Desa Tambakan, Kecamatan Kubutambahan, Buleleng kembali melangsungkan upacara Mungkah Wali di Pura Prajapati bertepatan Purnamaning Kasa pada Anggara Paing Sungsang. Upacara yang dilaksanakan dua tahun sekali ini menggunakan persembahan 28 ekor sapi duwe. Upacara Mungkah Wali di Pura Merajapati, Desa Adat Tambakan ini terbilang cukup unik. Pasalnya, 28 ekor sapi yang dijadikan persembahan haruslah sapi yang hidupnya diliarkan di alam bebas. Krama setempat menyebut sapi tersebut sebagai duwe, sehingga sangat dikramatkan ketika hidup di alam bebas. Sapi duwe yang ditangkap semuanya sudah dewasa, dengan berat di atas 200 kilogram. Sapi duwe yang dipersembahkan itu sudah diburu krama Desa Adat Tambakan, sejak tiga hari sebelum puncak upacara Mungkah Wali “Rangkaian upacara Mungkah Wali sudah dimulai sejak tiga hari sebelum puncaknya, diawali dengan matur piuning, kemudian dilanjutkan dengan ritual ngejuk (berburu) sapi duwe,”. Setelah berhasil ditangkap sapi duwe yang ukurannya rata-rata besar tersebut kemudian dikumpulkan dan diikat dalam satu lokasi di dekat Pura Merajapati. Jumlah sapi duwe yang ditangkap tergantung jumlah krama. Sebab, setelah dipersembahkan, seluruh daging sapi duwe akan dibagi rata kepada seluruh krama.

 
Sapi duwe yang dipersembahkan dalam upacara Mungkah Wali di Pura Prajapati itu awalnya merupakan godel (anak sapi) hasil naur sesangi (bayar kaul) oleh krama yang masesangi (berkaul). Godel tersebut kemudian dilepas-liarkan. Saat diburu untuk upacara Mungkah Wali, dipilih sapi yang sudah dewasa.
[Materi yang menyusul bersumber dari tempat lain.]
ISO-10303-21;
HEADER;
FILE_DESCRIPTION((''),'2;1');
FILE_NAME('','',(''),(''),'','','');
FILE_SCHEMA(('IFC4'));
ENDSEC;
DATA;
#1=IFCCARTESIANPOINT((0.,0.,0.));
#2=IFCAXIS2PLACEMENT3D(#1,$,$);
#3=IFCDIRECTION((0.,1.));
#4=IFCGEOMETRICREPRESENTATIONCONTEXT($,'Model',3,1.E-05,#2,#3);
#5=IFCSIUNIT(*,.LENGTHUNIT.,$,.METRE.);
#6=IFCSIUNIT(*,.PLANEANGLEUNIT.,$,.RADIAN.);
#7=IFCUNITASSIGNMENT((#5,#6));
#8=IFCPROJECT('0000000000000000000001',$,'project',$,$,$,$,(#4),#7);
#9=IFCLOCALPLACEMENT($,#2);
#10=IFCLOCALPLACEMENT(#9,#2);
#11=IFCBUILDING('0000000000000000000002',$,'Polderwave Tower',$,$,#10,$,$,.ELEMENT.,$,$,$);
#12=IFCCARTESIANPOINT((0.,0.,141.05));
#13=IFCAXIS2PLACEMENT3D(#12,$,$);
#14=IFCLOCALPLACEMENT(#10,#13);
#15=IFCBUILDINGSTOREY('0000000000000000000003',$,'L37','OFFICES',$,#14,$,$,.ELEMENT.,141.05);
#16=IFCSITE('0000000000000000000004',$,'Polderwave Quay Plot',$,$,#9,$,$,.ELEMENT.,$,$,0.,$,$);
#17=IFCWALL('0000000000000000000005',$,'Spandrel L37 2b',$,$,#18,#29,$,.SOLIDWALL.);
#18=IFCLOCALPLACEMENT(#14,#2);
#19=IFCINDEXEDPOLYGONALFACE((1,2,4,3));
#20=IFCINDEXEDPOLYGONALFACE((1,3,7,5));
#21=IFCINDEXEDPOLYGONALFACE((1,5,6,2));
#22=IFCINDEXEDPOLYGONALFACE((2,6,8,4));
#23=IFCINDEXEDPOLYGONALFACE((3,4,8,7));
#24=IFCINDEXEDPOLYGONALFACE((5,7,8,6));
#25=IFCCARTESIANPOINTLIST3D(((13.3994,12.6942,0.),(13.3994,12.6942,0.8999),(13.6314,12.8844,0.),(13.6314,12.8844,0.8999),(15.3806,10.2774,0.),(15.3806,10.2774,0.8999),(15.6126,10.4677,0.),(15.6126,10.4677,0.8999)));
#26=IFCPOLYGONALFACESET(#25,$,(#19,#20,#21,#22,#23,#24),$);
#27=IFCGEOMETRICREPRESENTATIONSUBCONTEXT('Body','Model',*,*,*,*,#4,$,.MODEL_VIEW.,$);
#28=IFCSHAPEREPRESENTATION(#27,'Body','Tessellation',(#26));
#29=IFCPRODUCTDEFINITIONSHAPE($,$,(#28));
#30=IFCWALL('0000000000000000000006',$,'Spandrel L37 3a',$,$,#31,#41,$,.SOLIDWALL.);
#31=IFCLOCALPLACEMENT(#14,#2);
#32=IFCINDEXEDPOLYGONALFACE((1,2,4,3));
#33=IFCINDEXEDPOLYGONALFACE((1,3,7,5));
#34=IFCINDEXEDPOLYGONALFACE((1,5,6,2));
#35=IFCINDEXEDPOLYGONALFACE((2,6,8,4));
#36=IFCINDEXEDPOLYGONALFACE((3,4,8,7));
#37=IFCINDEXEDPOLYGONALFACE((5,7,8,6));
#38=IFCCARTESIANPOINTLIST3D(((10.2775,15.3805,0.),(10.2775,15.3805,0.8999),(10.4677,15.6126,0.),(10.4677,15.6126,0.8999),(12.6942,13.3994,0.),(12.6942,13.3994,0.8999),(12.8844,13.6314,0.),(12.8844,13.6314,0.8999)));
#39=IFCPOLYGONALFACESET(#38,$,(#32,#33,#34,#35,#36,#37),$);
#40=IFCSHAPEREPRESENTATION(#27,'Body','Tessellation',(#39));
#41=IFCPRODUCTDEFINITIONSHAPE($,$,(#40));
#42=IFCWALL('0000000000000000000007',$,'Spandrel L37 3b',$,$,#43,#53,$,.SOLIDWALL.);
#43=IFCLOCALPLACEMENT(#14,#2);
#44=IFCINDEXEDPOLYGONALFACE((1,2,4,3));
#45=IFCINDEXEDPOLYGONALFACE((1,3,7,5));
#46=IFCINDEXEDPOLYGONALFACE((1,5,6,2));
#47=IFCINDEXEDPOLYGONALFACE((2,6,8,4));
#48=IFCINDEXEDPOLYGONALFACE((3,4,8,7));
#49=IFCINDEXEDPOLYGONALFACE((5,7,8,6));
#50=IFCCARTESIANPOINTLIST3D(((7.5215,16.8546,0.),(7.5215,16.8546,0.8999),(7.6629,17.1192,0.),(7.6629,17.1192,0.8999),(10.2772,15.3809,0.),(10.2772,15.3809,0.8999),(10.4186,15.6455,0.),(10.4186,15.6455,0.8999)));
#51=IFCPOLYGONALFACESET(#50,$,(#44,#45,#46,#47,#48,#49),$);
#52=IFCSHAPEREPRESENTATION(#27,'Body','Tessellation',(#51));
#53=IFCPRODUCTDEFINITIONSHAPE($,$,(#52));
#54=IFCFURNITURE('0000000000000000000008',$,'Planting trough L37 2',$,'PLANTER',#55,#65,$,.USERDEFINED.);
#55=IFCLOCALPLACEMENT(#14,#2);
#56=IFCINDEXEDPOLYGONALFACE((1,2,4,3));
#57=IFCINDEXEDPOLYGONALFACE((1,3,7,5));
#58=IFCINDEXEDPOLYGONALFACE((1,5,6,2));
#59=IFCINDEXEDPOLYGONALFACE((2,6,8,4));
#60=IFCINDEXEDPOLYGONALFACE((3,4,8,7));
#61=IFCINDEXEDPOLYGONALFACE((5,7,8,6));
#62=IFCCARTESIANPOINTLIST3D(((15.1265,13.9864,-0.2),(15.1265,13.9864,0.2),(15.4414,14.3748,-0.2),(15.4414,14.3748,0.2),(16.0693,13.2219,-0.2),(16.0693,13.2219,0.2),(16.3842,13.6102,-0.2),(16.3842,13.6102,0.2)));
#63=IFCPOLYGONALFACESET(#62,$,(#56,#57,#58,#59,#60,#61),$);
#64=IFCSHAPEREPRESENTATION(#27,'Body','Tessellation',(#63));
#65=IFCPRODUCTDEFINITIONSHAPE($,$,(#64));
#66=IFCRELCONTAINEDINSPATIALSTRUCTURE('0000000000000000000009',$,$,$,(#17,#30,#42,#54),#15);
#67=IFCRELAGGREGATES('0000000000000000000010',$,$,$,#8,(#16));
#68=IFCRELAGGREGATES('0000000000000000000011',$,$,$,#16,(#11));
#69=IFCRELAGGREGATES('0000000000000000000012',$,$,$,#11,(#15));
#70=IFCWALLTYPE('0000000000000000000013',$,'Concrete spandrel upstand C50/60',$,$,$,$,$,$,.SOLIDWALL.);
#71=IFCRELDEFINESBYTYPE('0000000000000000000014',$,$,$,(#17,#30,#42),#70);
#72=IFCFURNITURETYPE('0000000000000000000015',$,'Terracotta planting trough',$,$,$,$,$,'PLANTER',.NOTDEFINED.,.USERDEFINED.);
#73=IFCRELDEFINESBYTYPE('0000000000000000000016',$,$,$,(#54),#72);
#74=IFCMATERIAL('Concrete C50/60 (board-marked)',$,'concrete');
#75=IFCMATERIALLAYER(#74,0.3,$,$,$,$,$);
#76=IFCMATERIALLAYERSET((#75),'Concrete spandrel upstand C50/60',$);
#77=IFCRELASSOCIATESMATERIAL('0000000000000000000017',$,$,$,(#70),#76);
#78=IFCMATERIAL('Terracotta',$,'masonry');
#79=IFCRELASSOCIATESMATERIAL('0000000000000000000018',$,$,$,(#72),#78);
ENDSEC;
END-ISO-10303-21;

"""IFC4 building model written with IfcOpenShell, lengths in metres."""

from ifc_helpers import new_model, si_unit, direction, frame, frame_2d, origin, origin_2d, place, context, subcontext, project, spatial, rectangle, extrude, material, layer, layer_set, type_object, element, save


model = new_model("IFC4")

# Units and contexts
model_context = context("Model", 3, precision=1e-05, world=origin(), true_north=direction((0.0, 1.0)))
body_context = subcontext(model_context, "Body", "Model", "MODEL_VIEW")
ifc_project = project(units=[si_unit("LENGTHUNIT", "METRE"), si_unit("PLANEANGLEUNIT", "RADIAN")], contexts=[model_context])

# Site, building, storey
site_placement = place(None, origin())
site = spatial("IfcSite", under=ifc_project, at=site_placement, Name="Polderwave Quay Plot", CompositionType="ELEMENT", RefElevation=0.0)
building_placement = place(site_placement, origin())
building = spatial("IfcBuilding", under=site, at=building_placement, Name="Polderwave Tower", CompositionType="ELEMENT")
storey_placement = place(building_placement, frame((0.0, 0.0, 141.05)))
storey = spatial("IfcBuildingStorey", under=building, at=storey_placement, Name="L37", Description="OFFICES", CompositionType="ELEMENT", Elevation=141.05)

# Walls
ifc_material_1 = material(Name="Concrete C50/60 (board-marked)", Category="concrete")
ifc_layer_1 = layer(ifc_material_1, 0.3)
ifc_layer_set_1 = layer_set([ifc_layer_1], Name="Concrete spandrel upstand C50/60")
wall_type = type_object("IfcWallType", Name="Concrete spandrel upstand C50/60", PredefinedType="SOLIDWALL", material=ifc_layer_set_1)
for number, where, z_axis, x_axis, name in (
    (1, (15.4966, 10.3726, 0.0), (0.0, 0.0, 1.0), (-0.633978, 0.773351, 0.0), "Spandrel L37 2b"),
    (2, (12.7893, 13.5154, 0.0), (0.0, 0.0, 1.0), (-0.773351, 0.633978, 0.0), "Spandrel L37 3a"),
    (3, (10.3479, 15.5132, 0.0), (0.0, 0.0, 1.0), (-0.881825, 0.471577, 0.0), "Spandrel L37 3b"),
):
    element("IfcWall", number, at=place(storey_placement, frame(where, z_axis=z_axis, x_axis=x_axis)), inside=storey, type_object=wall_type, Name=name, PredefinedType="SOLIDWALL", context=body_context, shape_type="SweptSolid", body=[
        extrude(rectangle(XDim=3.125, YDim=0.3, at=frame_2d((1.5625, 0.0))), origin(), (0.0, 0.0, 1.0), 0.8999),
    ])

# Furniture
ifc_material_2 = material(Name="Terracotta", Category="masonry")
furniture_type = type_object("IfcFurnitureType", Name="Terracotta planting trough", ElementType="PLANTER", AssemblyPlace="NOTDEFINED", PredefinedType="USERDEFINED", material=ifc_material_2)
furniture_placement = place(storey_placement, frame((15.7554, 13.7983, -0.2), z_axis=(0.0, 0.0, 1.0), x_axis=(-0.776711, 0.629857, 0.0)))
element("IfcFurniture", 4, at=furniture_placement, inside=storey, type_object=furniture_type, Name="Planting trough L37 2", ObjectType="PLANTER", PredefinedType="USERDEFINED", context=body_context, shape_type="SweptSolid", body=[
    extrude(rectangle(XDim=1.2139, YDim=0.5, at=origin_2d()), origin(), (0.0, 0.0, 1.0), 0.3999),
])

save(model, "model.ifc")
Di Desa Adat Tambakan ada kepercayaan ketika permohonanya dikabulkan, maka krama yang masesangi harus naur sesangi dengan godel jantan. Oleh krama setempat, hal ini diistilahkan naur bulu geles. Godel yang boleh dipersembahkan dalam naur sesangi hanyalah godel jantan dan tidak cacat secara fisik. “Naur sesangi itu hanya boleh dilakukan setiap rahina Tilem di Pura Dalem, Desa Adat Tambakan. Godel kaul itu setelah diupacari di Pura Dalem, kemudian dibiarkan lepas begitu saja ke alam bebas,”.
 
Tradisi naur sesangi berupa godel ini, sudah diwarisi krama Desa Adat Tambakan secara turun temurun. Krama yang naur sesangi, bukan hanya dari Desa Adat Tambakan, tapi juga asal luar desa. Krama luar desa itu naur sesangi, karena pernah memohon sesuatu di Pura Dalem dan sesanginya dikabulkan Ida Batara. “Banyak krama yang datang mohon di Pura Dalem. Ada yang memohon agar dapat pekerjaan, punya anak, sukses di politik, hingga sukses di bisnis. Saat memohon itu, mereka berjanji akan mempersembahkan godel jika permohonannya dikabulkan,”. Karena saking banyak banyaknya krama yang merasa permohonannya dikabulkan, makanya setiap rahina Tilem selalu ada saja yang naur sesangi di Pura Dalem, Desa Adat Tambakan. “Kadang bisa sampai 6 ekor godel kaul dilepas-liarkan usai Tilem,”.
 
Godel kaul itu dibiarkan hidup di alam bebas. Tidak jarang, setelah tumbuh besar, sapi-sapi jantan yang dikeramatkan itu ditemukan hidup di luar wilayah Desa Tambakan, bahkan sampai ke kawasan pegunungan Kecamatan Kintamani, Bangli. Ada pula yang ditemukan di wilayah Kabupaten Badung. Namun, warga desa tetangga di luar Desa Tambakan biasanya sudah percaya bahwa sapi-sapi liar itu adalah Duwe Pura Dalem, Desa Adat Tambakan, tak berani menganggunya. Ketika upacara Mungkah Wali dilaksanakan, sapi-sapi duwe itu banyak yang ditangkap di luar wilayah Desa Tambakan, seperti di Kintamani. Keberadaan sapi-sapi duwe yang kemudian diburu itu diketahui dari informasi warga setempat. Mereka memberitahukan keberadaan sapi duwe di wilayahnya kepada krama Desa Tambakan. Sejauh ini, belum diketahui persis berapa jumlah populasi sapi duwe yang hidup liar.